Они еще долго ходили неподалеку от больницы. Людей было мало. Кто-то перешел улицу и скрылся в тени больничного забора. Люсе показалось — Никишин.
— Андрей за нами ходит, — сказала она.
— Болтнул спьяна лишнее, теперь мучается, — сказал Стельмах и крикнул: — Андрей, давай сюда! Она уже на тебя не сердится.
Никто не отозвался.
— Тебе показалось, — сказал Стельмах.
— Да нет, это Никишин. Точно — он.
Они пошли к общежитию.
— Поздно уже, — заметила Люся. — Прощаться пора.
— Ты и вправду выходишь за меня? — спросил Стельмах.
— Вправду.
— И что свадьба послезавтра — тоже вправду?
Вместо ответа она крепко обняла его и поцеловала.
Заседание бюро шло в кабинете первого секретаря. Алексей хорошо знал эту большую очень высокую комнату с огромными выходящими на запад венецианскими окнами. Тяжелый письменный стол Гордиенко — прямо против двери, в глубине. Два других — длинных, покрытых зеленым сукном — расположены справа и слева от него.
В приемной сидели люди. Они волновались. Внешне это волнение выражается у каждого по-своему. Один сидит молча, насупившись, другой то и дело выходит покурить, третий шагает все время из угла в угол, вот как этот, полный, с гладко выбритой головой. Алексей уже знал, что это вновь назначенный директор зернотреста, что его кандидатуру должны сегодня утверждать.
Из кабинета вышел Шульгин.
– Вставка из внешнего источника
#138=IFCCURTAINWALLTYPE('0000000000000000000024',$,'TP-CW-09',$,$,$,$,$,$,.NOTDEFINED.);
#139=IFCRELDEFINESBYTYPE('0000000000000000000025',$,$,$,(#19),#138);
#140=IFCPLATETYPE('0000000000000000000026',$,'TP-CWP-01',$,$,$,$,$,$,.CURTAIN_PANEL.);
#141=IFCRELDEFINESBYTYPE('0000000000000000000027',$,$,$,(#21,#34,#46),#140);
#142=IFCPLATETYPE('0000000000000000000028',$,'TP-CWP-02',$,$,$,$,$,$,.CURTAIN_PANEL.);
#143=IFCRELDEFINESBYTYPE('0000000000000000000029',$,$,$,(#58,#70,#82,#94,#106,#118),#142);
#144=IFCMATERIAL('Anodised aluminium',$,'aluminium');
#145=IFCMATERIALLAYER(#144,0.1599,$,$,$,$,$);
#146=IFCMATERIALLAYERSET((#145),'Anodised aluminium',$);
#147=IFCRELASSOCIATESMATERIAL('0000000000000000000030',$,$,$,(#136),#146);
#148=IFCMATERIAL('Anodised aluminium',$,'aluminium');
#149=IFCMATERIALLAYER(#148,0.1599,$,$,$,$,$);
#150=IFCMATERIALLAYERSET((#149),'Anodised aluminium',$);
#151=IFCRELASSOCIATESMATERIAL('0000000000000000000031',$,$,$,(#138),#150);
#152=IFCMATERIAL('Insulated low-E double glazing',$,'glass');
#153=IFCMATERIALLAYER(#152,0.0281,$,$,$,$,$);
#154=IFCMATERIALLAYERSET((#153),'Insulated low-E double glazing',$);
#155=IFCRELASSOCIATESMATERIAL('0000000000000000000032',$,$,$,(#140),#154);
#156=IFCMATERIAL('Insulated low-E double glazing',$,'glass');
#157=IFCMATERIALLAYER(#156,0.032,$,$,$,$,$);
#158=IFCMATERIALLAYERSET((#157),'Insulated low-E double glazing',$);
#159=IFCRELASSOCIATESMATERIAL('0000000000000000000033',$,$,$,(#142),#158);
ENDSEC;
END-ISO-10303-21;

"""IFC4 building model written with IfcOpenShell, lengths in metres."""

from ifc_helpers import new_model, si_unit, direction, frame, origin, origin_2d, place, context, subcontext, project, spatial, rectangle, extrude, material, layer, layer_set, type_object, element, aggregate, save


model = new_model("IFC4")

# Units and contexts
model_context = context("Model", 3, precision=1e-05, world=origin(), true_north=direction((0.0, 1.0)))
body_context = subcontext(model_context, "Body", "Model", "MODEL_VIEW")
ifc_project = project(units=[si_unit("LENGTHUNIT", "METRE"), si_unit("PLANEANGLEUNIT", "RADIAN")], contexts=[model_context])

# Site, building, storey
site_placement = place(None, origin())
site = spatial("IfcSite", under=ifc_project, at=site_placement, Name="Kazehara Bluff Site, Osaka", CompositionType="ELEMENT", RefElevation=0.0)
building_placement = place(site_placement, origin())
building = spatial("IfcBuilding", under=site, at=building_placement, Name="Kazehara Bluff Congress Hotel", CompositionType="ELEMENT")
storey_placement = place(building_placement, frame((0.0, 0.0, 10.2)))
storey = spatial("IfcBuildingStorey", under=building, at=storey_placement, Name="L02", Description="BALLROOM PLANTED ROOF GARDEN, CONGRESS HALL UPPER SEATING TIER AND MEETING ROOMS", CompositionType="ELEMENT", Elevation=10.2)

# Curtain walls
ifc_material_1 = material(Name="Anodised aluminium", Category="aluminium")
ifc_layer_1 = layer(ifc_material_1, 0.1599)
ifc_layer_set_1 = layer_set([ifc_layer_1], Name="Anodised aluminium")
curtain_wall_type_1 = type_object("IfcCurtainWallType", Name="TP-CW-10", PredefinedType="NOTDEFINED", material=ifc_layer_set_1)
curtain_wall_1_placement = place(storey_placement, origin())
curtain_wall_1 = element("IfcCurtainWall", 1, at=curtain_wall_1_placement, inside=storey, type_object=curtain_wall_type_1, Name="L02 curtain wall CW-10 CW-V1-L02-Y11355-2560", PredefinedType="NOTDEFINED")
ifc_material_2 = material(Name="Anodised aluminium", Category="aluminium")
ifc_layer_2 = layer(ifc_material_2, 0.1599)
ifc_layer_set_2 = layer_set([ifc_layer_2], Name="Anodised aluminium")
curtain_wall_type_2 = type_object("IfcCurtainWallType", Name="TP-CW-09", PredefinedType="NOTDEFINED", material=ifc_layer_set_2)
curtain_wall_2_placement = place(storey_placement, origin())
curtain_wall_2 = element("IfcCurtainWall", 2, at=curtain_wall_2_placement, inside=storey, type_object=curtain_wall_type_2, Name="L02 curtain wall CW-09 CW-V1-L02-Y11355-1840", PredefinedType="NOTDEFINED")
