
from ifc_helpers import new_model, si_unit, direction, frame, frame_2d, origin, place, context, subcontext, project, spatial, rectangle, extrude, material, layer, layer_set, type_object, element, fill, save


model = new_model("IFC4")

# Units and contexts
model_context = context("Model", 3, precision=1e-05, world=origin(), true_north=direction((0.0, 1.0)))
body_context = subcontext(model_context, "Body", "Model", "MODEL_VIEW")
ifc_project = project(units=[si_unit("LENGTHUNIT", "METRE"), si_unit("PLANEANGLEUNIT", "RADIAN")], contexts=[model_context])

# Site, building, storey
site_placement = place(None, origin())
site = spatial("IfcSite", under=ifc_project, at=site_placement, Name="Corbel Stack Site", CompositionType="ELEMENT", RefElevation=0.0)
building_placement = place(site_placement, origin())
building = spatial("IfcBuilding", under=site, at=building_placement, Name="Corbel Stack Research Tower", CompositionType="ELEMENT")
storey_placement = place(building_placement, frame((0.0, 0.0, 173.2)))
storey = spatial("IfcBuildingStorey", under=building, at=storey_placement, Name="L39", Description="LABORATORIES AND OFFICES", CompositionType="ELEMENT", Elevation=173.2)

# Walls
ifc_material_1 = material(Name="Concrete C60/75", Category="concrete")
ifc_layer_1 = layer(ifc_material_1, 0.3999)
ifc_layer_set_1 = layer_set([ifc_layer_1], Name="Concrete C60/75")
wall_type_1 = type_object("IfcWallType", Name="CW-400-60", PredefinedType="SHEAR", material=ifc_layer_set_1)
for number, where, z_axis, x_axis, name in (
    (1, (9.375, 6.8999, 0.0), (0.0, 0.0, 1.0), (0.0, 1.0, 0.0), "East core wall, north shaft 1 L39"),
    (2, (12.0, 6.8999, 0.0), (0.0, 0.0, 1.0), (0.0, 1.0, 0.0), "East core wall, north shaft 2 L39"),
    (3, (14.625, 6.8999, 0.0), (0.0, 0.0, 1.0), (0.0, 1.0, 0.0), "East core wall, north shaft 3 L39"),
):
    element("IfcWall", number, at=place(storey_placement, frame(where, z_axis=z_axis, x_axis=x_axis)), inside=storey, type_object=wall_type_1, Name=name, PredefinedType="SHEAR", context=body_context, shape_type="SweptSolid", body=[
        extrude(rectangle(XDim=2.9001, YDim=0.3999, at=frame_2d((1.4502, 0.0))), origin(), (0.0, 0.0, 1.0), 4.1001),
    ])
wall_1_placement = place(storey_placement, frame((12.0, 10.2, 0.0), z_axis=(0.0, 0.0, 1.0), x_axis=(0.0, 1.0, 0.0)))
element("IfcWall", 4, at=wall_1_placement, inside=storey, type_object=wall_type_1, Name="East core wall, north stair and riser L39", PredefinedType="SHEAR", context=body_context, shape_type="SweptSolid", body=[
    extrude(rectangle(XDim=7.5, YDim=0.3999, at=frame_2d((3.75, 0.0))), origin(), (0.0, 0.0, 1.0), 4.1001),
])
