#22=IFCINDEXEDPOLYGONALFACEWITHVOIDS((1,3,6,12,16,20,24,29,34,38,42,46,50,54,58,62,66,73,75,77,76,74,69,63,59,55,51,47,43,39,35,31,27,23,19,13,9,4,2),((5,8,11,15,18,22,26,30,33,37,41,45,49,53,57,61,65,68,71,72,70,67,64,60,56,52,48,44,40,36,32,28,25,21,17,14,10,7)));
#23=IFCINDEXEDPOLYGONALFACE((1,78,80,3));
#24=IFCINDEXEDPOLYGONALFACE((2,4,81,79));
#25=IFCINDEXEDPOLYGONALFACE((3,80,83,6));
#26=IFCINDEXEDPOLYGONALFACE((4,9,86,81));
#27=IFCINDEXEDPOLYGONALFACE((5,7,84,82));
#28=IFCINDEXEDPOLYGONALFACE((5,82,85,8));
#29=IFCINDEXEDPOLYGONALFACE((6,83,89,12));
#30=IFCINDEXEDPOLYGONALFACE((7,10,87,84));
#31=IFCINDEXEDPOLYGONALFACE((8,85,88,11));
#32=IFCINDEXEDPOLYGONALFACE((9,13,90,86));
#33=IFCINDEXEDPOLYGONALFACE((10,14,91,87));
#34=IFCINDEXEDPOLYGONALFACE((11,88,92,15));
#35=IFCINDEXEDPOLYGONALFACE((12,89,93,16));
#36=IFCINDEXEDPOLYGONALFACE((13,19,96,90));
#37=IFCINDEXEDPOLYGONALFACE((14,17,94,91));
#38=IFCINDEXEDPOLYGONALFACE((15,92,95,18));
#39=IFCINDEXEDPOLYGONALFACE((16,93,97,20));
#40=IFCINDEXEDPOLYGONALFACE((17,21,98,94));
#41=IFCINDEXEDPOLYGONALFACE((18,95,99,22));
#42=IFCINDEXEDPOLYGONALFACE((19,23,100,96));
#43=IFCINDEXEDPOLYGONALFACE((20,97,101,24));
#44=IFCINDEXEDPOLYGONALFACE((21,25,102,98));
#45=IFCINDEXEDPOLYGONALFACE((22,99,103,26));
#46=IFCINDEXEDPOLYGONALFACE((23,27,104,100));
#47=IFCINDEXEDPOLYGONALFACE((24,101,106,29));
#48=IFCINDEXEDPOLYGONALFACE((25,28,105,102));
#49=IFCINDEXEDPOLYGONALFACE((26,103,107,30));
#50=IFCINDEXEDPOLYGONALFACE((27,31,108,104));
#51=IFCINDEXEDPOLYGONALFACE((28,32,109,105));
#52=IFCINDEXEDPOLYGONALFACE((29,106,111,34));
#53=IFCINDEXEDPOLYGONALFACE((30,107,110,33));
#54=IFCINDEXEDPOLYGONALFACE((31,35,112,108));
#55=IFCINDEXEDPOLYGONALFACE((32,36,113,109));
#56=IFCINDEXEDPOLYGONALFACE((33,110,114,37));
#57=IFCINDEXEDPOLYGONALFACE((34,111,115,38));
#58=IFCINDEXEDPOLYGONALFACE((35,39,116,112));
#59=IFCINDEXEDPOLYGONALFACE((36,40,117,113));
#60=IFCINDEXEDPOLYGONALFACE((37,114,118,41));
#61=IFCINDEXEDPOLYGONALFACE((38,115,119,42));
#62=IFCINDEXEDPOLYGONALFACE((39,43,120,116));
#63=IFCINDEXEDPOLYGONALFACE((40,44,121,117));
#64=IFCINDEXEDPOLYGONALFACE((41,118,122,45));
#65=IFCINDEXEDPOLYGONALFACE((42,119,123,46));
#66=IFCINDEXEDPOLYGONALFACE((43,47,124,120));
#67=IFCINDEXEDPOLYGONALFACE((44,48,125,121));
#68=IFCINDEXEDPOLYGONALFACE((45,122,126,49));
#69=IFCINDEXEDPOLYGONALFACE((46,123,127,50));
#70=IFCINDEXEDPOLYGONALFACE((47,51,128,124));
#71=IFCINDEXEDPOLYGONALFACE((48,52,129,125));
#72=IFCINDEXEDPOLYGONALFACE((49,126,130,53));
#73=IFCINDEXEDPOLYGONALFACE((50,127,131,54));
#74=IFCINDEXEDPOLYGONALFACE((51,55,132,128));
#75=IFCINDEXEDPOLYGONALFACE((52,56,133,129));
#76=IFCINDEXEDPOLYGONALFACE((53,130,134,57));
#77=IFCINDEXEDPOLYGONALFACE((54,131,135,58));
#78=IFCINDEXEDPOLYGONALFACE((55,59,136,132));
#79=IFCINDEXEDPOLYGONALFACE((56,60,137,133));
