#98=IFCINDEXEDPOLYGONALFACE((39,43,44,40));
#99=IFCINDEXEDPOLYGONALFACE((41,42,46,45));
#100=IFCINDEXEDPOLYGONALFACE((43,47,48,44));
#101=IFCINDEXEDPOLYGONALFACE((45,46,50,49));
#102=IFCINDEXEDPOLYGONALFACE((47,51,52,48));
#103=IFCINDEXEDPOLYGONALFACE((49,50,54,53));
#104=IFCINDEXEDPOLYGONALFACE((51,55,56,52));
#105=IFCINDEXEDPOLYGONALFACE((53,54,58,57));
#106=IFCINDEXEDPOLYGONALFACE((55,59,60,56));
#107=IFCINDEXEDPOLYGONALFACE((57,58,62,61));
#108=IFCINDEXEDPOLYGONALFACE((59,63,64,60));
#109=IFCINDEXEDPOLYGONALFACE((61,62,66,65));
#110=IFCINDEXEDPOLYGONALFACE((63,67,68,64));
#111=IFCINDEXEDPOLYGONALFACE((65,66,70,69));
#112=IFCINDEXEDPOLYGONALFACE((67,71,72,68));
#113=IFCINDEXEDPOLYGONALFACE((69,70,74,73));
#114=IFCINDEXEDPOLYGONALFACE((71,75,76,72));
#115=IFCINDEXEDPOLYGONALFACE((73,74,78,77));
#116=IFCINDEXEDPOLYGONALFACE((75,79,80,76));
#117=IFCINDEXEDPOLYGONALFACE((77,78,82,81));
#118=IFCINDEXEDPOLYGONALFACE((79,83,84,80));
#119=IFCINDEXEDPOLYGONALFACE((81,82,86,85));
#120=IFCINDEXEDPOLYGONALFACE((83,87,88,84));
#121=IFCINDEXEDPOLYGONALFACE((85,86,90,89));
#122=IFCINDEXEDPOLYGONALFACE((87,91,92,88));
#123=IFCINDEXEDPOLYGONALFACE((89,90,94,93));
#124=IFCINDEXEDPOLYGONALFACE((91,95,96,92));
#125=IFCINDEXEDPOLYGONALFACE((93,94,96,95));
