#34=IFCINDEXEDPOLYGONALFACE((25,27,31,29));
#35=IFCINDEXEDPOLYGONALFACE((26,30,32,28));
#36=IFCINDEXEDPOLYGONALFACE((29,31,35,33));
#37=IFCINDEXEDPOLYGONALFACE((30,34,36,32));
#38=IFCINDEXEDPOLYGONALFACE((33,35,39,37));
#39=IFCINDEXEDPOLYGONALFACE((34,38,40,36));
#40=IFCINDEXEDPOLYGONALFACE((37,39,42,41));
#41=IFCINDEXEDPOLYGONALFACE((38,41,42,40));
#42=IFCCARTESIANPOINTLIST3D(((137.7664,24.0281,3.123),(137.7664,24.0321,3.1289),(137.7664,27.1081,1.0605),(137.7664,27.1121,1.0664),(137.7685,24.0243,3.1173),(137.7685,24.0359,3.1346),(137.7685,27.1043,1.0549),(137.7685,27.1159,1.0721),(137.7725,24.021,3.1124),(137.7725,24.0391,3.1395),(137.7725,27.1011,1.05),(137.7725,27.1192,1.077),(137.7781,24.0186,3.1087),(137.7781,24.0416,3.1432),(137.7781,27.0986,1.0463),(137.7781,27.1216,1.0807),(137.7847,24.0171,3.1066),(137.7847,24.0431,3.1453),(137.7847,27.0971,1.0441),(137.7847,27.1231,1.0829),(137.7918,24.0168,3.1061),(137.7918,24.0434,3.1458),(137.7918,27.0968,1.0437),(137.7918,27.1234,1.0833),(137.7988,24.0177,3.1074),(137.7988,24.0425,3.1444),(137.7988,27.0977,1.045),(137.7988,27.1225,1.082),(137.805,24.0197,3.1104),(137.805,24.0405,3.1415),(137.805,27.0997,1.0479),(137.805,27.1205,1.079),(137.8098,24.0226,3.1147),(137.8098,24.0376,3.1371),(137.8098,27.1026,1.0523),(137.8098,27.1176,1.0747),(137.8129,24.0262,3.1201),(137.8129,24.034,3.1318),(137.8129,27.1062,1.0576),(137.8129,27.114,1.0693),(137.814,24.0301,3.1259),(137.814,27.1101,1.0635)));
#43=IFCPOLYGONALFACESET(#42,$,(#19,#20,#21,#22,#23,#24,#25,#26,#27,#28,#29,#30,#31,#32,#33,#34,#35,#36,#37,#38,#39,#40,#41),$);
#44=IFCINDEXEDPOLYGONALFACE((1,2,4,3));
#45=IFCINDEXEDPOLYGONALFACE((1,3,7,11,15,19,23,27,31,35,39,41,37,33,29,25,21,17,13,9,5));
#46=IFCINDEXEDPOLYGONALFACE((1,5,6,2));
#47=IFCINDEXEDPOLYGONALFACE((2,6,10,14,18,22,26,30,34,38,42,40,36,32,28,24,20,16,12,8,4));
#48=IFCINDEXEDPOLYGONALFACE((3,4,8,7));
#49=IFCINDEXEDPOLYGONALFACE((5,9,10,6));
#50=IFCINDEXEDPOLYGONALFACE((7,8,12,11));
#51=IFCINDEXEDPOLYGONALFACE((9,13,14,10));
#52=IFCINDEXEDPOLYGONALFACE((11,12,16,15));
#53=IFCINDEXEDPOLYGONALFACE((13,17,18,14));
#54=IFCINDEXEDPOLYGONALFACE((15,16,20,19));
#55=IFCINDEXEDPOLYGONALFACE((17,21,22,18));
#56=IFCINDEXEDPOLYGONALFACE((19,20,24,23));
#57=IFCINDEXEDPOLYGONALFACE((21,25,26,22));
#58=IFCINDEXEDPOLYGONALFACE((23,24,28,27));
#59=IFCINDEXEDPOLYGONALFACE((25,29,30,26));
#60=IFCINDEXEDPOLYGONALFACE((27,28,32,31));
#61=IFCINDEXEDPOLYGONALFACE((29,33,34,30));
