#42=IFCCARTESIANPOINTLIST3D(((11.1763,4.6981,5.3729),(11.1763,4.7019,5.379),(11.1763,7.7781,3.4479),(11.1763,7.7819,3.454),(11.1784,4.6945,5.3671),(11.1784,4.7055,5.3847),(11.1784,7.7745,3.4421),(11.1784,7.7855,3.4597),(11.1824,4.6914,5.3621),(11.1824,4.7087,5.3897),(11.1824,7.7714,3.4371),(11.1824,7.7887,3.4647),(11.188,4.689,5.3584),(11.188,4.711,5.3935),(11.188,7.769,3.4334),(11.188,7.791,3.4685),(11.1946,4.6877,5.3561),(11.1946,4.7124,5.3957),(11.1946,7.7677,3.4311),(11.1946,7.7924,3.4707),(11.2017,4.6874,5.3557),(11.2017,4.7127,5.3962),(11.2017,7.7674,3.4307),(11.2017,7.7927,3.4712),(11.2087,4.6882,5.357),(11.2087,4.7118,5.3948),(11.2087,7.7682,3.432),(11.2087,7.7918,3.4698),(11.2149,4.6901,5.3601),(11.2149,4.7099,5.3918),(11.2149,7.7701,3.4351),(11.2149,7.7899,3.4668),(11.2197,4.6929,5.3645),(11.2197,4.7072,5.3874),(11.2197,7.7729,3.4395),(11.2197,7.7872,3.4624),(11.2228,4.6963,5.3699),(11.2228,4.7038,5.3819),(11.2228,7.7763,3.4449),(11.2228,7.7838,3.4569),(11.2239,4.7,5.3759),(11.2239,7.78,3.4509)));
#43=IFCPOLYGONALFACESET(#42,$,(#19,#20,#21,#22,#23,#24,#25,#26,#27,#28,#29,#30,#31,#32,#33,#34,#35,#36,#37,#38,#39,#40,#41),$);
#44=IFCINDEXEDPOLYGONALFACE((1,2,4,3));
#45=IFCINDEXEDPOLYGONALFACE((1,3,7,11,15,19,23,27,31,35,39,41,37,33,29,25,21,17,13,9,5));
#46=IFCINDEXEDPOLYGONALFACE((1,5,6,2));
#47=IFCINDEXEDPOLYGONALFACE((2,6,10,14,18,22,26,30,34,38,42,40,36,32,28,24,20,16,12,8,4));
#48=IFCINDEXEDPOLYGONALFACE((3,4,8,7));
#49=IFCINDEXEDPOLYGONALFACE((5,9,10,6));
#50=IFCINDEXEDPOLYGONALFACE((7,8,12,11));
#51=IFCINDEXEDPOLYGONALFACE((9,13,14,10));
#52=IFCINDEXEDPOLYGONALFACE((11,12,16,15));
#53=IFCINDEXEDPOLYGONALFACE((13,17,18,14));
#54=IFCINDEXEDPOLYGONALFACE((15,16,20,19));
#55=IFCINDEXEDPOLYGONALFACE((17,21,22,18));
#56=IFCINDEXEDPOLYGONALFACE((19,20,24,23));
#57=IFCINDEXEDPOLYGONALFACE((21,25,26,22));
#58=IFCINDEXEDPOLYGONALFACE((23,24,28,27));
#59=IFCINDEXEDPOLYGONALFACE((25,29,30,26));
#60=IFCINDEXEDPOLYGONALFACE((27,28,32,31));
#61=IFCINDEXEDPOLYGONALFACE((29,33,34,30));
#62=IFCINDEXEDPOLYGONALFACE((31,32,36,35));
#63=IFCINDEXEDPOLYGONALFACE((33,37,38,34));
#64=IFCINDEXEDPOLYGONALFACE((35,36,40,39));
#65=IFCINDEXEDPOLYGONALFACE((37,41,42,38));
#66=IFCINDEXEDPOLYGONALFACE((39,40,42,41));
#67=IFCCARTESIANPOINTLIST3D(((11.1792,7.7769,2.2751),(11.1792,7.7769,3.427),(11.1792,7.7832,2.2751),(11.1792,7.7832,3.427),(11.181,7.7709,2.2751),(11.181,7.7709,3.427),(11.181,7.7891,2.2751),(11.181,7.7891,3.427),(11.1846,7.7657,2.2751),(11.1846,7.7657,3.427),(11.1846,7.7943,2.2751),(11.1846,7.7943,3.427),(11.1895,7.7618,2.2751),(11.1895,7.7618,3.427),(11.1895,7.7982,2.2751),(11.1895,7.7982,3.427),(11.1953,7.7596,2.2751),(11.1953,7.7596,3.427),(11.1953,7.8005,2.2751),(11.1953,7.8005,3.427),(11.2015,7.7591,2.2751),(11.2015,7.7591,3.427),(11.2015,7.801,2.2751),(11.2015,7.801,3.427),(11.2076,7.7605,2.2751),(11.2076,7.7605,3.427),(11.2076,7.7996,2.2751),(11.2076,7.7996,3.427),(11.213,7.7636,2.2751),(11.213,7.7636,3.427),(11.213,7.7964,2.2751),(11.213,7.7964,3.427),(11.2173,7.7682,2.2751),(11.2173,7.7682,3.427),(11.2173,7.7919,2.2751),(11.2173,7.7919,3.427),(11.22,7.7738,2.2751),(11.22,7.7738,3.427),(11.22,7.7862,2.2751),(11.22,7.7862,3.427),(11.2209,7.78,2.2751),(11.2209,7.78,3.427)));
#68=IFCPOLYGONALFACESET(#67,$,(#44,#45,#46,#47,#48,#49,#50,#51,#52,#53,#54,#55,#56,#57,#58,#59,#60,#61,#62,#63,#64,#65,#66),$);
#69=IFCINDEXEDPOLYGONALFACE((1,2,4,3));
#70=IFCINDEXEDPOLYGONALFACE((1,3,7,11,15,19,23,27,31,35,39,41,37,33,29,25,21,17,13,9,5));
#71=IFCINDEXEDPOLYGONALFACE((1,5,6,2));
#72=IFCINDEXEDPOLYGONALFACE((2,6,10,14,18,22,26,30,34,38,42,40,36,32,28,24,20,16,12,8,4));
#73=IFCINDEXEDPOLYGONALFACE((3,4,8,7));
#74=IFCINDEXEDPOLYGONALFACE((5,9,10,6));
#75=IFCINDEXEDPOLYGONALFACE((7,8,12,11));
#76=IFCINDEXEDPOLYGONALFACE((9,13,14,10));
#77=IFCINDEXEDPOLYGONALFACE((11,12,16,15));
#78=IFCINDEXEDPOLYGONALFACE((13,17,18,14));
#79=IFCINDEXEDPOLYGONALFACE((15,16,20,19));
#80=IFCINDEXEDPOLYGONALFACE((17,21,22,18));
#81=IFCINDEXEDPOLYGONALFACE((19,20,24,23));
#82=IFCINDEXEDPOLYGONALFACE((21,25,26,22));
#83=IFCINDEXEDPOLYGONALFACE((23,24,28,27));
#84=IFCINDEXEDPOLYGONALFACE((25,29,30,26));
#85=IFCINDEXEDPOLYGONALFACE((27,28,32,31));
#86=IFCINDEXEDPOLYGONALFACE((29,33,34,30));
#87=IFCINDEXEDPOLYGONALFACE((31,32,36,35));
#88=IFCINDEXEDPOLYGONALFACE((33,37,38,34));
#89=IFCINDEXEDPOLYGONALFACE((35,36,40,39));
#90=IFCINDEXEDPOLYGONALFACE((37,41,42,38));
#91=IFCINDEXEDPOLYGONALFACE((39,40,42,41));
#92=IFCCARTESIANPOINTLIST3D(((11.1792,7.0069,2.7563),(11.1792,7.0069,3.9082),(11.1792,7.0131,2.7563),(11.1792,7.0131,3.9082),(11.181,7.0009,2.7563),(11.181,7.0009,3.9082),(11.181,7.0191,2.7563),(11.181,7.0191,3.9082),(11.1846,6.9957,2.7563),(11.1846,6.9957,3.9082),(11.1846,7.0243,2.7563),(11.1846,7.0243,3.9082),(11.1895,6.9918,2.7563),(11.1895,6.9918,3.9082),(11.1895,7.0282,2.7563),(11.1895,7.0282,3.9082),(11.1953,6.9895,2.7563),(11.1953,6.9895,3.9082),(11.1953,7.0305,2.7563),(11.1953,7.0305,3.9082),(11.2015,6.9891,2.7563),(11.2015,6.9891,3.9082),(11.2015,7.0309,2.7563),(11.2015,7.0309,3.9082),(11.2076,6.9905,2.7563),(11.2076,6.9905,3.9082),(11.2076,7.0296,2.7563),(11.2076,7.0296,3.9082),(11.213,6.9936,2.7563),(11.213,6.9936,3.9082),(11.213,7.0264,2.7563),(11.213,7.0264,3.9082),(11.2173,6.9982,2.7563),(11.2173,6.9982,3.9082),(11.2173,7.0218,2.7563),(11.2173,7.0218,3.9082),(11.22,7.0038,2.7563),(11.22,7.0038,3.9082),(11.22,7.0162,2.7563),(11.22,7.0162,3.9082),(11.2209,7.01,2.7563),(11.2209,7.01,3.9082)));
Он направился к выходу, но заметил Алексея и остановился, протянул руку.
— Здравствуйте, Алексей Платонович. Волнуетесь?
— Как все, — сказал Корепанов, отвечая на крепкое рукопожатие.
— Ничего, — улыбнулся Шульгин. — Обойдется.
— Бюро обкома все-таки.
— Понимаю, понимаю. А вы не волнуйтесь.
— Постараюсь.
У него и в самом деле стало спокойно на душе. «Вот что значит доброе слово, — подумал он. — Психотерапия нужна, видимо, не только в медицине. И кто знает, где она больше нужна».
А через несколько минут Шульгин, возвращаясь, прошел мимо, даже не глянув на Алексея, и Корепанову опять стало не по себе.
«Это во мне страх говорит, — досадовал он. — И от него никак не избавиться. А ведь страха не должно быть. Уважение? Да! Гордость за то, что тобой руководят умные и решительные люди? Да! Уверенность в том, что, если оступишься, тебя поддержит крепкая дружеская рука? Да! Да!.. А страха не должно быть. Страх — это как смертельный яд. Он леденит душу, парализует движения, сковывает инициативу, преждевременно старит и преждевременно сводит в могилу… Ну, скажем, у меня еще есть основания для тревог. Меня собираются наказать, отстранить от работы, без которой мне будет тяжело. Могут и под суд отдать… Но почему он так встревожен, этот шагающий из угла в угол толстяк? Боится, что не утвердят его кандидатуру? Может быть. Это волнует. Вот Бритван до сих пор не забыл, что его не утвердили.
Время тянулось медленно. Наконец вышел Мильченко.
— Заходи, Алексей Платонович.
Алексей вошел, поздоровался. Ему показалось, что ответил только Гордиенко.
— Садись, — шепотом, у самого уха, сказал Мильченко.
Алексей взял стул, передвинул немного вперед и сел.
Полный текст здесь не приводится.